That doesn't matter when you are talking policy. Appeals to authority over the technical aspect of things is like saying only firemen can be in favor of fires being fought.
 
Bad cuz we can’tz indoktrnatz dem wit kommie blather to make dem mindless sheeples like we successfully did wit todays kollege Kidz.

Gov. Ron DeSantis and Florida Republicans have spent years aggressively turning the state into a haven for school choice. They have been wildly successful, with tens of thousands more children enrolling in private or charter schools or homeschooling.
Now as those programs balloon, some of Florida's largest school districts are facing staggering enrollment declines -- and grappling with the possibility of campus closures -- as dollars follow the increasing number of parents opting out of traditional public schools.

The emphasis on these programs has been central to DeSantis' goals of remaking the Florida education system, and they are poised for another year of growth. DeSantis' school policies are already influencing other GOP-leaning states, many of which have pursued similar voucher programs. But Florida has served as a conservative laboratory for a suite of other policies, ranging from attacking public- and private-sector diversity programs to fighting the Biden administration on immigration.

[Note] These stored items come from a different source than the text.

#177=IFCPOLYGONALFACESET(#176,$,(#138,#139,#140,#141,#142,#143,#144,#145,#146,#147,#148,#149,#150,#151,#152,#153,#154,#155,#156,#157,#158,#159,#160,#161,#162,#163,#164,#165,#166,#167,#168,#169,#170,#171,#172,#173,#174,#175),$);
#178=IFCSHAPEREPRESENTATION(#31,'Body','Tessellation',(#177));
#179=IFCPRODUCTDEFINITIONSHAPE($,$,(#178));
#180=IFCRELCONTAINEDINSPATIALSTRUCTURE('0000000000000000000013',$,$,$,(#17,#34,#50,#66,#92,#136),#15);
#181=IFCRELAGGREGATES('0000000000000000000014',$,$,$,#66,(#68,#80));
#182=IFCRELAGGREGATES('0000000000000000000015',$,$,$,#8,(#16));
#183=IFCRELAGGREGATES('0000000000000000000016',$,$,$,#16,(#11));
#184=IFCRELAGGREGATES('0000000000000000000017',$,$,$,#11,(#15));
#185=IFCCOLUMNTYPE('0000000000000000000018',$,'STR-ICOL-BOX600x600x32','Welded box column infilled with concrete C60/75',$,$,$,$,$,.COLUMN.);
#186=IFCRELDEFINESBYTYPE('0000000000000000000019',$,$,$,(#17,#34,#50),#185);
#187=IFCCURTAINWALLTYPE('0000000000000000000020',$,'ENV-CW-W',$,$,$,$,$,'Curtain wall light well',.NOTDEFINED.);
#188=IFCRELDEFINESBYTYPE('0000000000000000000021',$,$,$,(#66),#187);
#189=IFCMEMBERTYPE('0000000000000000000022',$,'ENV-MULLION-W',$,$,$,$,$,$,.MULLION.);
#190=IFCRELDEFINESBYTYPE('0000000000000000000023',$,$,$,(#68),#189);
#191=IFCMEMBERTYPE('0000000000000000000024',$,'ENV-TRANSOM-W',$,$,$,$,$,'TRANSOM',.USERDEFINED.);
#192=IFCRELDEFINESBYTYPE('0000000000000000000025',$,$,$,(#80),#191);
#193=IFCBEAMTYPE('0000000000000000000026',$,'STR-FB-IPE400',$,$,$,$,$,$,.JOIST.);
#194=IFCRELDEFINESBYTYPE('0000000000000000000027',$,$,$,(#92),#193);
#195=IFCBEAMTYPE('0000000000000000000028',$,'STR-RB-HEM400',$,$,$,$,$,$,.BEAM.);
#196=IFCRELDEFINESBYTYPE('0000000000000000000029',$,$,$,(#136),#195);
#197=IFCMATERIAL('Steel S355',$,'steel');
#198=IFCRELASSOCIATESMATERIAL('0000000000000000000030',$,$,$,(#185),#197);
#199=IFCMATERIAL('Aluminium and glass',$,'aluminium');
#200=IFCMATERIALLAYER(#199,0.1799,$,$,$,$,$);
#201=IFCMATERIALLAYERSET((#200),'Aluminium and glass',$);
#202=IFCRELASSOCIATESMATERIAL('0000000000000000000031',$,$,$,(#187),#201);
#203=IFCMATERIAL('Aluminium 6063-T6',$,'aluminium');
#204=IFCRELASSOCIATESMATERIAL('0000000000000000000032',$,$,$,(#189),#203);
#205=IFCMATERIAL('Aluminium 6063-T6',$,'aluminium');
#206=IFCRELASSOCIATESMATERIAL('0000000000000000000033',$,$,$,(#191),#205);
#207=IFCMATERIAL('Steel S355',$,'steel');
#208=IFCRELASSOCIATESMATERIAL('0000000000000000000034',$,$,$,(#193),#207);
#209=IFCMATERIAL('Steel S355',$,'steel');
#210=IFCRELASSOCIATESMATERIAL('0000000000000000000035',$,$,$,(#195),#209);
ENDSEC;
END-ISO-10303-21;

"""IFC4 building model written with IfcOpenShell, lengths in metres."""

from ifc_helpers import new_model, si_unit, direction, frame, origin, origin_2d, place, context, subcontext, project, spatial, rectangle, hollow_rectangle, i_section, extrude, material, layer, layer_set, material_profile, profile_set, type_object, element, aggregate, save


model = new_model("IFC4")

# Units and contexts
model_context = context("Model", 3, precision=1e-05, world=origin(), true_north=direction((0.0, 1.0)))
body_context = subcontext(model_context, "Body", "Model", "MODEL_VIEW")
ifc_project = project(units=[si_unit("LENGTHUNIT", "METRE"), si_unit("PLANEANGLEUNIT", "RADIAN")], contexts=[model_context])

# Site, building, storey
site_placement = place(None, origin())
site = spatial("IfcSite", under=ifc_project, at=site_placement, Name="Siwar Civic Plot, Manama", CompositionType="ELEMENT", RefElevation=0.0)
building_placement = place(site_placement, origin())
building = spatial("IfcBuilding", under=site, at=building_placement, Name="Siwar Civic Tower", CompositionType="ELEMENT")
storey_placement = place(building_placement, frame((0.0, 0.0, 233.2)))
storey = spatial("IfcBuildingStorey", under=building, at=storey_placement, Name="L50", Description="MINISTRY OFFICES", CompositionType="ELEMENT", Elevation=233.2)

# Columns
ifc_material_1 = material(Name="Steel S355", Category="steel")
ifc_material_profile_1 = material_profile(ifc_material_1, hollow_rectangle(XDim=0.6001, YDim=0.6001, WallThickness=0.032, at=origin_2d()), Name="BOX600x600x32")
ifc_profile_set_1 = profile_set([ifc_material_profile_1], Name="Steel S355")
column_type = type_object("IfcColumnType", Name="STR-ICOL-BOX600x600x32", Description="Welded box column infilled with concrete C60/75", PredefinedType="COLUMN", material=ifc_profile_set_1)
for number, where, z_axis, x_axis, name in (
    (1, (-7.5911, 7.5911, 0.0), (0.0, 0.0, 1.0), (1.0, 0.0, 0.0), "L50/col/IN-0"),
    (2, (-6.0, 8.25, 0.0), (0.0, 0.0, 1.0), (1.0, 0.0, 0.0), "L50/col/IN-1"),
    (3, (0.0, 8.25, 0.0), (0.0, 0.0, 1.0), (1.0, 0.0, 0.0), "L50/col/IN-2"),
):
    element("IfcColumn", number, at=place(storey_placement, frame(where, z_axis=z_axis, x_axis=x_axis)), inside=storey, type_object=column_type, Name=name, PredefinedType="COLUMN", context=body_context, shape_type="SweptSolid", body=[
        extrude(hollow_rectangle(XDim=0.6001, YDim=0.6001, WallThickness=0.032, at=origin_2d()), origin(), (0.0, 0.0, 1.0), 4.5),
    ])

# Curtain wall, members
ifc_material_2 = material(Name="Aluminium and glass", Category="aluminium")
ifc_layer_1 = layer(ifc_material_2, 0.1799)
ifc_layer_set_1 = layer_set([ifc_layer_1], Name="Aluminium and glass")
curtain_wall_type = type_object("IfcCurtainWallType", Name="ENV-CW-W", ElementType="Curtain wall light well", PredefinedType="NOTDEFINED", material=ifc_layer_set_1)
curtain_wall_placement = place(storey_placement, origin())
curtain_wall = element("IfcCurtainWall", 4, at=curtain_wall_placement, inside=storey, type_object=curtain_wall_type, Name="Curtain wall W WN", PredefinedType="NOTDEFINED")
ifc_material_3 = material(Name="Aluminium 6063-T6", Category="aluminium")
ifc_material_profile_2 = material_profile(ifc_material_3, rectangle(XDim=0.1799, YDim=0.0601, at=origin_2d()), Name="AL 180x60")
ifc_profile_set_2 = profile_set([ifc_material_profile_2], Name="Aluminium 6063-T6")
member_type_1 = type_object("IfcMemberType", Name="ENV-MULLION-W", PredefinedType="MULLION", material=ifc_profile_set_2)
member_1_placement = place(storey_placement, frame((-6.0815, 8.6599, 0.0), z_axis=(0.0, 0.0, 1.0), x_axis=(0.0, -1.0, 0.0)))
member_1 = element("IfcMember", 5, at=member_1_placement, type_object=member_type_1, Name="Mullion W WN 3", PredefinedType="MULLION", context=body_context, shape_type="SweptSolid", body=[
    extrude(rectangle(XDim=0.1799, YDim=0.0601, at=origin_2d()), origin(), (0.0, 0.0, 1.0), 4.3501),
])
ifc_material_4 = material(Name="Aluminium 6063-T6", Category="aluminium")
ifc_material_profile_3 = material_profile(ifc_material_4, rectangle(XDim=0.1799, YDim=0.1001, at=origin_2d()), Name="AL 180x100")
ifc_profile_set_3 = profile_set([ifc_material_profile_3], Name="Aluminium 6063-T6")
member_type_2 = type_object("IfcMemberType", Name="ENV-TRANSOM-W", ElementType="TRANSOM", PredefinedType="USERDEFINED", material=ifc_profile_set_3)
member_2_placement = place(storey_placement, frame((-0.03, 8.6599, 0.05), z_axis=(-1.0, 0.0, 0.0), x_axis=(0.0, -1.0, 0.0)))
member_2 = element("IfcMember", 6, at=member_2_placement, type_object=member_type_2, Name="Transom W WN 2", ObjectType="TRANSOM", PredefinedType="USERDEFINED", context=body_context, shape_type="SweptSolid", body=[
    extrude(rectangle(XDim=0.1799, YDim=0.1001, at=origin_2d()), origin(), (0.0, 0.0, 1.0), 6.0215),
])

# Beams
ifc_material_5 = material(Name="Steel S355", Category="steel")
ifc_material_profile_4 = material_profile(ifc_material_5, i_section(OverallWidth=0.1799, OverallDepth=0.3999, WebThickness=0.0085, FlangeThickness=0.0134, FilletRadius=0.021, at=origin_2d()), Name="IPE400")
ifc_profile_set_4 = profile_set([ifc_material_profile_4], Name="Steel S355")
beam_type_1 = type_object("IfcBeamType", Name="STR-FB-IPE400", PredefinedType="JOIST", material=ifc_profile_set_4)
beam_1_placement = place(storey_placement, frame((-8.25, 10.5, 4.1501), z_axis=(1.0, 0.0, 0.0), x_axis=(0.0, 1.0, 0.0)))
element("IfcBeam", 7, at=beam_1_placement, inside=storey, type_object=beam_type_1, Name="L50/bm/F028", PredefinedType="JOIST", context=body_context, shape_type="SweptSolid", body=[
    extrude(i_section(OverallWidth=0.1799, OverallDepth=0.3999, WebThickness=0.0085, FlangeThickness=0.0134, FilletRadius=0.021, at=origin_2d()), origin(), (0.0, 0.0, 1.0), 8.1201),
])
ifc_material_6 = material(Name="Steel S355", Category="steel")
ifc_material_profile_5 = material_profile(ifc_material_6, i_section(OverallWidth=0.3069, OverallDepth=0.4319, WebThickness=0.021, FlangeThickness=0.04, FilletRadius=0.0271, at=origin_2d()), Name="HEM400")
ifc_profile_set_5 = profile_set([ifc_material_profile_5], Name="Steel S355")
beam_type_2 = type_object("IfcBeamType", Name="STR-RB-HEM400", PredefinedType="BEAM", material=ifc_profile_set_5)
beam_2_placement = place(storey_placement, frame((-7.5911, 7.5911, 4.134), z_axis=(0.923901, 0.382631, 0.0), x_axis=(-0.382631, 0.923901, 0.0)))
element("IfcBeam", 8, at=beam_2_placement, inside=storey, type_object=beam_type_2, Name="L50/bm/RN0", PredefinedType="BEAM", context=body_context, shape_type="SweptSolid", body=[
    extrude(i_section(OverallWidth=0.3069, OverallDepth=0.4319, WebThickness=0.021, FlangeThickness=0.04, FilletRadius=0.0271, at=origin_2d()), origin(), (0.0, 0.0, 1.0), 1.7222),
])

"We need some big changes throughout the country," DeSantis said Thursday evening at the Florida Homeschool Convention in Kissimmee. "Florida has shown a blueprint, and we really can be an engine for that as other states work to adopt a lot of the policies that we've done."

Education officials in some of the state's largest counties are looking to scale back costs by repurposing or outright closing campuses -- including in Broward, Duval and Miami-Dade counties. Even as some communities rally to try to save their local public schools, traditional public schools are left with empty seats and budget crunches.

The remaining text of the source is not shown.